A prerequisite for constructing a protocell is supplying a mechanism for replicating the nucleic acids that fill structural, functional or informational roles. Two approaches under active investigation in our laboratory are the in vitro selection of ribozyme polymerases (replicases) and the non-enzymatic replication of nucleic acids using chemically-activated nucleotides. In both cases, the goal is a high-fidelity system for replicating essentially any nucleotide sequence.

Ribozyme polymerases are being selected from fully random or partially structured libraries of RNA or by modification of natural ribozymes with reversible phosphodiesterase bond cleaving activity.

Non-enzymatic replication utilizes chemically-activated monomers or condensing agents to effect polymerization of monomers on template sequences. Chemical activation requires substituting a preferred leaving group in place of one of the hydroxyl groups of the 5´phosphate in a nucleoside monophosphate. Although this chemistry is well established in the literature, it has been limited by the slow reaction rates of naturally-occurring 3´OH-terminated nucleotides. We have recently found that substitution of the 3´OH with an amino group dramatically increases the reaction rate with activated monomers. The product, phosphoramidate DNA, is a well-known polymer with properties similar to naturally-occurring DNA and RNA. We are currently synthesizing a variety of chemically-activated nucleotides with 3´NH2 substitutions and are evaluating the kinetics and fidelity of non-enzymatic polymerization.
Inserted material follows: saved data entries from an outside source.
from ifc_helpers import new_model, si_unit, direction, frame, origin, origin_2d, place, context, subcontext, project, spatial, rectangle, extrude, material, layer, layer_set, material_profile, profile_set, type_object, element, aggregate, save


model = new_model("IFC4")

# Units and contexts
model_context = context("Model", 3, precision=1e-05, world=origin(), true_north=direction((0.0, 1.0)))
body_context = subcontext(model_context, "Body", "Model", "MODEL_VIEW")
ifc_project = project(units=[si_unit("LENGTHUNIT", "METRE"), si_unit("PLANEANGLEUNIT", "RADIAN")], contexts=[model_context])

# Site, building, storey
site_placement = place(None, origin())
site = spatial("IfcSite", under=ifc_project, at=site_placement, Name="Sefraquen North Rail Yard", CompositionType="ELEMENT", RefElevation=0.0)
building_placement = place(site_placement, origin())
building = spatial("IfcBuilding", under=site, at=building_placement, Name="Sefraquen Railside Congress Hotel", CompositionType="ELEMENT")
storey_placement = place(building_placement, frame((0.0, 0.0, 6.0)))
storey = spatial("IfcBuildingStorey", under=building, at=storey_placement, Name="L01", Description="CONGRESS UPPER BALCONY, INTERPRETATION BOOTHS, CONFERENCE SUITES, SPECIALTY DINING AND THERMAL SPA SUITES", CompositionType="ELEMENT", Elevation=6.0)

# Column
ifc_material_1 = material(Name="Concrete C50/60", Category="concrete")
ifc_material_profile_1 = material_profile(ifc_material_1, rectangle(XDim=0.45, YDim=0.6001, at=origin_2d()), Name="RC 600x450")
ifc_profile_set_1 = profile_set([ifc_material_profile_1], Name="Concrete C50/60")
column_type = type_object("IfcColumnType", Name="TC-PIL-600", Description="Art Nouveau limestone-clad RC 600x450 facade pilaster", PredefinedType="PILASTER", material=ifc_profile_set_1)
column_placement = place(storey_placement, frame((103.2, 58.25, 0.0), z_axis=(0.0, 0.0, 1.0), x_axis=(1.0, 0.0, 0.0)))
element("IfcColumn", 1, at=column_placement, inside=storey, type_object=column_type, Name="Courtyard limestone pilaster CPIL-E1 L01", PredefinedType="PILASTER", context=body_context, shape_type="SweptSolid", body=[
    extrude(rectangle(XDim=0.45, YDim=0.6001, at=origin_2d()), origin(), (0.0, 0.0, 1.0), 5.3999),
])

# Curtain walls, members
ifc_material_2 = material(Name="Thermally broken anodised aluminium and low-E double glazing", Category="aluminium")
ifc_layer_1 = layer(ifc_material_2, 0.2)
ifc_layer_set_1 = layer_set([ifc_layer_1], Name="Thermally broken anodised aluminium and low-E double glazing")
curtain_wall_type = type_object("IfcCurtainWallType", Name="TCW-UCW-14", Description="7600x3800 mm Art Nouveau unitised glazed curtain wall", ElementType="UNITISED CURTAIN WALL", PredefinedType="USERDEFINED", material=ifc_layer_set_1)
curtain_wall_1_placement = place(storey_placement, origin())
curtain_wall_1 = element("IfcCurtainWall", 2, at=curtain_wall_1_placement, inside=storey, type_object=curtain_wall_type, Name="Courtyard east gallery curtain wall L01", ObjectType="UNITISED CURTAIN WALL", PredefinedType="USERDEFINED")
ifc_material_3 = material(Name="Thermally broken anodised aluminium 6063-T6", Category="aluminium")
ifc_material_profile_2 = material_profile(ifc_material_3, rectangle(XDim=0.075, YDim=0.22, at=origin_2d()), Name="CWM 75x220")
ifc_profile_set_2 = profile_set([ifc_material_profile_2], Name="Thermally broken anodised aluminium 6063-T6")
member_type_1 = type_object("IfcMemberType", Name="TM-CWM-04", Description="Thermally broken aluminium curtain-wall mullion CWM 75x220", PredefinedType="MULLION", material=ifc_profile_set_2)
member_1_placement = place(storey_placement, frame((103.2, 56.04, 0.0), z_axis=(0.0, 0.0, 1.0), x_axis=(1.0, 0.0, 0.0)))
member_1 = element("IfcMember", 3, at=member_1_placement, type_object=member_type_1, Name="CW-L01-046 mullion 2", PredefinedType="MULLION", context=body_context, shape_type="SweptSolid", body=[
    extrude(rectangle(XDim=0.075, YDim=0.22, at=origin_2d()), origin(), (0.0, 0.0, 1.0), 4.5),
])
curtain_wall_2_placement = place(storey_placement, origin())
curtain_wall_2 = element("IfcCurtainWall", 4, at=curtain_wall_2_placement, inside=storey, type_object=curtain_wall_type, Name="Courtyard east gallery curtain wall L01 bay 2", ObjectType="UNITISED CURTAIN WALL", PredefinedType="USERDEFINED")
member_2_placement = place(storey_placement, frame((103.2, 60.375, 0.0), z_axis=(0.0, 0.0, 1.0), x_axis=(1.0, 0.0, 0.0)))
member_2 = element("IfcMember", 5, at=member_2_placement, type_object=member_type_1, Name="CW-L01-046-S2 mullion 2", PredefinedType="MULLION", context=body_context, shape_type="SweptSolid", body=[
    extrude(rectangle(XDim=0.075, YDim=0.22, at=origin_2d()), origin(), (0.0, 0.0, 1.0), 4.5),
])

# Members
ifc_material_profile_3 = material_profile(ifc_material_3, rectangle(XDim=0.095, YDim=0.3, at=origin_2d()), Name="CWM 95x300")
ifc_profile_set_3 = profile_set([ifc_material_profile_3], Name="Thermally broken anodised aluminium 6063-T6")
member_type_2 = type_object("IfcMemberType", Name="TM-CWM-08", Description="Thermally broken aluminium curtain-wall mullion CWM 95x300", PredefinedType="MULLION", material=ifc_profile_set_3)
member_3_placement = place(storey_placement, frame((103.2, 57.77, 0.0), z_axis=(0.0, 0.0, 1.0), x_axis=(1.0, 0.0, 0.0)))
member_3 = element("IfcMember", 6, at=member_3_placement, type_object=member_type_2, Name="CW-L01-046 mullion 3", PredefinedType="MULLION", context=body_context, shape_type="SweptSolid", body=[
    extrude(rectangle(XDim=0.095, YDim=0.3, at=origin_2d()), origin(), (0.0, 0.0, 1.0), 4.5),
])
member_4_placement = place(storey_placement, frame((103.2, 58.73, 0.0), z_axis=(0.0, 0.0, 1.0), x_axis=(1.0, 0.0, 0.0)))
Ultimately, we hope to establish a robust and efficient system for template-directed synthesis of NP DNA that can be incorporated into fatty acid vesicles. Based on the known properties of NP DNA, we expect that it can adopt the types of compact structures characteristic of RNA aptamers and ribozymes and will be a rich source of functionally active sequences. Combined with a membrane component for compartmentalization and a system for non-enzymatic replication, we believe that NP DNA may be able to provide the functional and information-carrying needs of a simple cell. To reach this goal we are optimizing the structures of 3´NH2 substituted nucleotides, establishing methods for the in situ activation of nucleotides using condensing agents, evolving protein enzymes capable of synthesizing NP DNA from DNA templates and vice versa to facilitate in vitro selections, and gaining a thorough biochemical and biophysical understanding of NP DNA through experimentation.